On the revenue side, according to the report, Hotstar garnered ad revenues of Rs11 bn (Rs150 mn/match) and subscription revenues of Rs12 bn (Rs160 mn/match) for IPL 2022 season.
Disney Star, which bagged the TV rights package for 2023-2027 said in a statement that this time around, it chose not to proceed with the digital rights “given the price required to secure that package.”
The blow to Hotstar
Analysts tracking the space always maintained that Hotstar's edge over every OTT player was not the Disney content, or serials from Star’s vast network across languages, but sports - especially cricket.
Karan Taurani, Senior Vice President and Research Analyst at Elara Securities says that as a platform, Hotstar may become much smaller. In the Subscription Video on Demand market, Hotstar has a market share of about 22 percent, which he says may sharply drop, with the IPL subscribers moving to Voot or Jio.
“In terms of subscribers, Star’s subscriber base may also pare at least 40-50 percent due to the loss of IPL property and if other cricket properties are not acquired. The share may decline to less than 70 percent in the medium term,” Taurani added.
And not just in terms of subscribers, in the Advertising-based Video on Demand (AVOD) space as well, Star has a market share of 16 percent dominated by IPL, which is now expected to shrink to 7 percent, slightly higher than other broadcaster OTTs that enjoy ~3-4 percent AVOD share (Zee5 and Sony Liv), primarily led by sports content (Star’s other cricket properties).
Building back up
Without IPL, Hotstar has now lost its biggest edge over other OTT platforms and will now have to work twice as hard to compete with Netflix and Prime Video, MX Player, etc. On the other hand, Viacom18 (With Voot and Jio) will leverage IPL to build a successful streaming platform.
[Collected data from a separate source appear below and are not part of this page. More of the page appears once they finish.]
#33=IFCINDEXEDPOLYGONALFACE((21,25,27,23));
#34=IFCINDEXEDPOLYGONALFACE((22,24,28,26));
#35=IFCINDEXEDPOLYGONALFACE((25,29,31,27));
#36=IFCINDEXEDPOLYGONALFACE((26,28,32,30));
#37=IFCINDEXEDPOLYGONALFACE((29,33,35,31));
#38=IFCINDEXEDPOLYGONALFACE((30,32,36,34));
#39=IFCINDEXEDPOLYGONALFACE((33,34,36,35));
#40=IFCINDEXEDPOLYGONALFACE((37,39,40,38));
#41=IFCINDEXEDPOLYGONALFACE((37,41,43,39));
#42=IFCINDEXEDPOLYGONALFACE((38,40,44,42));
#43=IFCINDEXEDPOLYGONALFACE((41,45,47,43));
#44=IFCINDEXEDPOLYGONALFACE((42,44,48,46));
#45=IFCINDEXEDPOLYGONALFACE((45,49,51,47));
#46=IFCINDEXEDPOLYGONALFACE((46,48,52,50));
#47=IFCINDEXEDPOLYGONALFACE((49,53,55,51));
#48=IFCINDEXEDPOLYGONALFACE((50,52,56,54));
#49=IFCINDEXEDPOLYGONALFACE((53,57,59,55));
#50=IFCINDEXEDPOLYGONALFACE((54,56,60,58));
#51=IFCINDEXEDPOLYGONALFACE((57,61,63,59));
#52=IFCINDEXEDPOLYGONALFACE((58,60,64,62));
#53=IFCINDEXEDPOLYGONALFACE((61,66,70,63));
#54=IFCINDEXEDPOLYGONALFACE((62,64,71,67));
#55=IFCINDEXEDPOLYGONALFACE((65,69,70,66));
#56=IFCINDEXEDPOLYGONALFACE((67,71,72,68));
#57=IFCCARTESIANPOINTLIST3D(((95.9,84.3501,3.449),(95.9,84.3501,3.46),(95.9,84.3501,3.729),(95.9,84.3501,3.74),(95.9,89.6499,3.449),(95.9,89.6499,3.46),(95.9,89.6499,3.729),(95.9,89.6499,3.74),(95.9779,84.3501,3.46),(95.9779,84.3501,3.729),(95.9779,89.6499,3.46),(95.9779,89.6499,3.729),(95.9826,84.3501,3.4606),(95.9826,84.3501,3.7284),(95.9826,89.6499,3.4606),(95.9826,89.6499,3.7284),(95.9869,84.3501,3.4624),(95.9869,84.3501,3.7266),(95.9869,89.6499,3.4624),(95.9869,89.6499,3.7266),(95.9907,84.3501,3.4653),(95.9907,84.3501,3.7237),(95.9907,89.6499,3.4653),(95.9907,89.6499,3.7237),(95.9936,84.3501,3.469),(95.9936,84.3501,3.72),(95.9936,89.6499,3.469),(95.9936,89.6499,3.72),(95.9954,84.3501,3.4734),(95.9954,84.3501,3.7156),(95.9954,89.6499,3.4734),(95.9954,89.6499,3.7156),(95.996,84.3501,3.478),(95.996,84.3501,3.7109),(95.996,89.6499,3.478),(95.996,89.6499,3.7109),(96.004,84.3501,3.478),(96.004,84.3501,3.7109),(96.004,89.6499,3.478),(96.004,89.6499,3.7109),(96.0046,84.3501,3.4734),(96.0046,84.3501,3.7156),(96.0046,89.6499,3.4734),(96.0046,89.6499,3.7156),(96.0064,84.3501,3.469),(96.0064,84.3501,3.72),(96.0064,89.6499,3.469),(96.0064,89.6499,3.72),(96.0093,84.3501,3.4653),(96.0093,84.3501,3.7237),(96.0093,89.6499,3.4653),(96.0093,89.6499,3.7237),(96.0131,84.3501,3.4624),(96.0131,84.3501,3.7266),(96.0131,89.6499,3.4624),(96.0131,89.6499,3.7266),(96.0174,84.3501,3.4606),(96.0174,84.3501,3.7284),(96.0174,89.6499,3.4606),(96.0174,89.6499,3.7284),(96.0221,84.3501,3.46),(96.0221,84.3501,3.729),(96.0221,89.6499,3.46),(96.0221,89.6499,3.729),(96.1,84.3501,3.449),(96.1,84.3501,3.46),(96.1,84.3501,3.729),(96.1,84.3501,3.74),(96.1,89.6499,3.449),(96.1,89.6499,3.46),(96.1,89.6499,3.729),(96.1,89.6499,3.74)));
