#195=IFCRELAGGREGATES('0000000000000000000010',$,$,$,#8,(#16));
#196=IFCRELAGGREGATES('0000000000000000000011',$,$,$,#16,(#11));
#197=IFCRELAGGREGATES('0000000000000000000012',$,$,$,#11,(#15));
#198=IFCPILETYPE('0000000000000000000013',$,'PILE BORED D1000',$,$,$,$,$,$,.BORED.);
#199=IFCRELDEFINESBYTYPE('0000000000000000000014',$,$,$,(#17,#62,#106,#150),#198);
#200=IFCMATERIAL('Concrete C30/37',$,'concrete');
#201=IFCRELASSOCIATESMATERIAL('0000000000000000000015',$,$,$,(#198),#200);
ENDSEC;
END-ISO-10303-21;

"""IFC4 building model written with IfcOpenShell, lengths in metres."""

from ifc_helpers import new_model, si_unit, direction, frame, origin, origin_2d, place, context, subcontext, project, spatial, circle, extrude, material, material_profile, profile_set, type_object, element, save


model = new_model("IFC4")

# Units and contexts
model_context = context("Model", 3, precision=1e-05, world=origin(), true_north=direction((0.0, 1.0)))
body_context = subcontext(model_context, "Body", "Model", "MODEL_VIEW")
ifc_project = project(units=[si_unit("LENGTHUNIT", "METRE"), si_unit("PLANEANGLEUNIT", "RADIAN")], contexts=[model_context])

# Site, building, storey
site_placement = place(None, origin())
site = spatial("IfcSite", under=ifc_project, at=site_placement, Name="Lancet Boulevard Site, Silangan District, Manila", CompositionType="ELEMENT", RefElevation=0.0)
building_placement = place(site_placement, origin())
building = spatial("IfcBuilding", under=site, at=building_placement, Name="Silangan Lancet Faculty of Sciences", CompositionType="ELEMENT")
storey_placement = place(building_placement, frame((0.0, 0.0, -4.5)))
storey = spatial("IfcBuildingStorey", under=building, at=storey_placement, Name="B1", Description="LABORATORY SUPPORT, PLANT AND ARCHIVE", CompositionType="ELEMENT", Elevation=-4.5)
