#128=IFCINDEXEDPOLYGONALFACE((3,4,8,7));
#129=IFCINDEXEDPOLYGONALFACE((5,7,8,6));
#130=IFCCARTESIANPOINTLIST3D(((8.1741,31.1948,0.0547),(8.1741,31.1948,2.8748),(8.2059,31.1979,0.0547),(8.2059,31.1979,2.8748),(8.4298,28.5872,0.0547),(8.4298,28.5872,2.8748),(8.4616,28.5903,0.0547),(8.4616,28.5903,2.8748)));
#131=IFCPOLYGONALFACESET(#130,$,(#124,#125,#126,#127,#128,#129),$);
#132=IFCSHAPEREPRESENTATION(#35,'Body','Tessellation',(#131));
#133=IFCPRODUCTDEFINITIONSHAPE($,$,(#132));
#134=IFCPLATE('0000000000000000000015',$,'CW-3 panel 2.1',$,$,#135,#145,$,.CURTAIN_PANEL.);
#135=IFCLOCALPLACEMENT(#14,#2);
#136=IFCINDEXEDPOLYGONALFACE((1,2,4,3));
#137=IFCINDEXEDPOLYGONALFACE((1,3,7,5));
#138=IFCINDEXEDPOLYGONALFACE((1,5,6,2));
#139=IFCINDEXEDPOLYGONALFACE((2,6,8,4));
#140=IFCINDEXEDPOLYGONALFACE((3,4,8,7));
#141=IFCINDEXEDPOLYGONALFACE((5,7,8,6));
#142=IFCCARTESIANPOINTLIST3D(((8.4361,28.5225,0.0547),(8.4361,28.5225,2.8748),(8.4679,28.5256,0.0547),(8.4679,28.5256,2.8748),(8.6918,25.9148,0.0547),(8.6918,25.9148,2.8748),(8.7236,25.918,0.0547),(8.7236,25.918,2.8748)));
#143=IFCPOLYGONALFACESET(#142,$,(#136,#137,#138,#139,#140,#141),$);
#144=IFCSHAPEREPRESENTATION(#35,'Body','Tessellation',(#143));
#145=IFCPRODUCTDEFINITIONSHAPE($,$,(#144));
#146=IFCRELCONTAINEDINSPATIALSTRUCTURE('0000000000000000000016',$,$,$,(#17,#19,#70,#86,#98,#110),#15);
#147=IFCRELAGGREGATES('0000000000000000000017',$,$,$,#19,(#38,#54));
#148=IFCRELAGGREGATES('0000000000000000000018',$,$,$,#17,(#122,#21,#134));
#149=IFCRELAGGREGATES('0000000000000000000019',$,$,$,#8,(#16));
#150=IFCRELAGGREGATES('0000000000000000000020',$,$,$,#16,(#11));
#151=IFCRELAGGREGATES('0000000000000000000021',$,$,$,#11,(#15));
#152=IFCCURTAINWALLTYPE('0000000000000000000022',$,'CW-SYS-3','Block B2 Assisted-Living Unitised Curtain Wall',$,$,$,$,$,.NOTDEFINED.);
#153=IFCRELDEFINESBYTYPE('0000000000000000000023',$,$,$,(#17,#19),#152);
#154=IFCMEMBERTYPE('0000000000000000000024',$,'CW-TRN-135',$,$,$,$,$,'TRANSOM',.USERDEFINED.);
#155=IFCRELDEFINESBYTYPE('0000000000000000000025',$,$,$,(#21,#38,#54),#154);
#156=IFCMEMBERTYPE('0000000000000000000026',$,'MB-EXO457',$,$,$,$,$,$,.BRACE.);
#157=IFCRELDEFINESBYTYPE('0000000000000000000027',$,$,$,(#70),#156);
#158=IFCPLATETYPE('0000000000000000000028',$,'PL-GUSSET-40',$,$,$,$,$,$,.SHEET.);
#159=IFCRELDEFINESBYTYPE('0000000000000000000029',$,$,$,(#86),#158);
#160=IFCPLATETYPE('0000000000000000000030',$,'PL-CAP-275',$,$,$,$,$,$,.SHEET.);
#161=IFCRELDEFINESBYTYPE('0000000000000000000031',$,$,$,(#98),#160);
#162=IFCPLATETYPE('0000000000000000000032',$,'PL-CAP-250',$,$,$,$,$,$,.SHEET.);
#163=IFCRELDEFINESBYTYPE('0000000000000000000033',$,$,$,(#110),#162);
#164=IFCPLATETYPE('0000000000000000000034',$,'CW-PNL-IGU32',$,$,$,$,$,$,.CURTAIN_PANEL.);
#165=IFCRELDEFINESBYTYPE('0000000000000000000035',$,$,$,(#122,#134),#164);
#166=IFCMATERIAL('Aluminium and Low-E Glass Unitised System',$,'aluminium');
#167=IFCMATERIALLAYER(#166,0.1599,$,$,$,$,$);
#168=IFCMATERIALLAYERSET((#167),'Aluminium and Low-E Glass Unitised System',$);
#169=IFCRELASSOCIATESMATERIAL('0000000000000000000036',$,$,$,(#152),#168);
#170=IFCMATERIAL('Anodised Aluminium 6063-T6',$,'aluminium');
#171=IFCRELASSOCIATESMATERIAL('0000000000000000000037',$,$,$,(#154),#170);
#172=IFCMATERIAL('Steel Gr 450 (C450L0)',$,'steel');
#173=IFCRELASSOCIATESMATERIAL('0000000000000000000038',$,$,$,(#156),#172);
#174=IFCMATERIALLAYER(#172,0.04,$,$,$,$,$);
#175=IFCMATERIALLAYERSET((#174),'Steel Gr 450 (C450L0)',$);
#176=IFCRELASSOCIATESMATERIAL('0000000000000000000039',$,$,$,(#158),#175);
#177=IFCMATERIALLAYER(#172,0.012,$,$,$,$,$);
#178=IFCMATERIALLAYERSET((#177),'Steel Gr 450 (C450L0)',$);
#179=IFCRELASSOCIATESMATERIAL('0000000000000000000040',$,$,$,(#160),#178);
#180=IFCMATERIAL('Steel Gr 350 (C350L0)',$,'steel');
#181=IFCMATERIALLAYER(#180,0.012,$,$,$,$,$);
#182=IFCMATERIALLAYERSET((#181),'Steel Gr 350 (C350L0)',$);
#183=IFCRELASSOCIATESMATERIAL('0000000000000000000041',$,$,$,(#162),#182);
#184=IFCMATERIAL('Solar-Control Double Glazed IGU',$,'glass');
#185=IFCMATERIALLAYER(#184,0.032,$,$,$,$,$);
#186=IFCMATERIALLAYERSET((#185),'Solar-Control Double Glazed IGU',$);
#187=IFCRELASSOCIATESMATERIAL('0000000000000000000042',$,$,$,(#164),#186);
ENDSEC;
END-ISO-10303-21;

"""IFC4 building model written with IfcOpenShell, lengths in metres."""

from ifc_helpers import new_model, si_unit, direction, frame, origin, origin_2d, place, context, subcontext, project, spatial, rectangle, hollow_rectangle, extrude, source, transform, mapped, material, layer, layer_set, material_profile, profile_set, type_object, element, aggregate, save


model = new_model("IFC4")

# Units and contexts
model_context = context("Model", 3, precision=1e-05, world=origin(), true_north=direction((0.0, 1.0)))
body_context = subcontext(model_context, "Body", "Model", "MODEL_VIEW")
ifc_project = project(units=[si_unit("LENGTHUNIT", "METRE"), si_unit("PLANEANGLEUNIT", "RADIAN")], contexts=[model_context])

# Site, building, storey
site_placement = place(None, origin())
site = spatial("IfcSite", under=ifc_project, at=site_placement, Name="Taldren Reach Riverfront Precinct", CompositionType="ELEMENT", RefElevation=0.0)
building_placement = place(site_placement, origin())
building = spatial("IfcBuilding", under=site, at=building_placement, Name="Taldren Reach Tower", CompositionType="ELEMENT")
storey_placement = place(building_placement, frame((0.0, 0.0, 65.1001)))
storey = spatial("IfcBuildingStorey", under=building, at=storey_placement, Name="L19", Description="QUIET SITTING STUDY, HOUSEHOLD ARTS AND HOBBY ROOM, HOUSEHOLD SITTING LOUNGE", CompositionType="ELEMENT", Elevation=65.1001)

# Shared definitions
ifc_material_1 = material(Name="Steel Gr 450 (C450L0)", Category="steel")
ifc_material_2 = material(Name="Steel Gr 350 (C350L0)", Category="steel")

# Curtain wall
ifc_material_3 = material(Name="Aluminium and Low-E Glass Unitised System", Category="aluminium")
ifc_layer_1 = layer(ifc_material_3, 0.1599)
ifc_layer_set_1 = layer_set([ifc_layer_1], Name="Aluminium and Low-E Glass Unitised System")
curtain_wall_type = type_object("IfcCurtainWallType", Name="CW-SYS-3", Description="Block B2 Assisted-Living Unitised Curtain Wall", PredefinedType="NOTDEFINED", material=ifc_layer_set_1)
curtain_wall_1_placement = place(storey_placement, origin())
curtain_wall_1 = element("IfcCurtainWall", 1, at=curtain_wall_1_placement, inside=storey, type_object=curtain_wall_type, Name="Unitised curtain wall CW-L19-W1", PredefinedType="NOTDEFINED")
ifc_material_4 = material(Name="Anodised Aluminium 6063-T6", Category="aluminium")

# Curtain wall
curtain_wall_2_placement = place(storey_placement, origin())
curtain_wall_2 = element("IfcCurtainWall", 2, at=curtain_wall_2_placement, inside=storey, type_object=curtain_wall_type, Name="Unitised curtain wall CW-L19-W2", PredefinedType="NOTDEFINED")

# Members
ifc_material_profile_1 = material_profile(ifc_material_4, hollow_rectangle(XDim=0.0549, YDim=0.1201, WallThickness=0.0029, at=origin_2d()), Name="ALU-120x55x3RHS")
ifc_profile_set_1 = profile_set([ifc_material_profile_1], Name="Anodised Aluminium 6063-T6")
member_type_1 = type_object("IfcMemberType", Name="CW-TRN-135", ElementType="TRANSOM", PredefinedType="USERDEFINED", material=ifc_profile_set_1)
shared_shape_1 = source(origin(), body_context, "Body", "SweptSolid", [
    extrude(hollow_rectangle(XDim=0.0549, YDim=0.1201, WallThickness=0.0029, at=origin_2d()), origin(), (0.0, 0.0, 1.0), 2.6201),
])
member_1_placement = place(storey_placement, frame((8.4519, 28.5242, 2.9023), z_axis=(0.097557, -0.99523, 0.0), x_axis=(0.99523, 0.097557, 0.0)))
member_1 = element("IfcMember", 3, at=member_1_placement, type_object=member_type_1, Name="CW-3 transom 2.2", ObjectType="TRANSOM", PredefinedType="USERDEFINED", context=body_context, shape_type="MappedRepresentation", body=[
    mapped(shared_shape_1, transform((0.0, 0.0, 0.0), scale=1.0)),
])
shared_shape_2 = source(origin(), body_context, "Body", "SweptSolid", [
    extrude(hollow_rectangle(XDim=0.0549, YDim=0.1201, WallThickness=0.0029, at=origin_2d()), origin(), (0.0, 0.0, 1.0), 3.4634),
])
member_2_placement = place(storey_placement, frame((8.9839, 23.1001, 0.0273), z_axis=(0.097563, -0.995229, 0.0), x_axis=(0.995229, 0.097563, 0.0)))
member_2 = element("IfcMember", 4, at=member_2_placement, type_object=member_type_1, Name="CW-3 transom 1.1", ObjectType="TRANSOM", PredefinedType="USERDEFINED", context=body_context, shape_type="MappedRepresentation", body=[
Competition is now set to intensify further in India’s OTT space and Disney will have to chart out a strong non-sports strategy to be able to either maintain its lead or avoid a major drop in subscribers and revenue.
Like Netflix and Prime Video, regional original content seems to be the path Disney+ Hotstar too will take in the Indian market.
Disney Star said in a statement that the company is now focused on growing its slate of original entertainment content for Disney+ Hotstar.
With over 100 local original titles in its content pipeline, over 80 local originals slated to premiere this fiscal year - will Disney+ Hotstar be able to keep up its game despite its star player going out of the team? Only time will tell.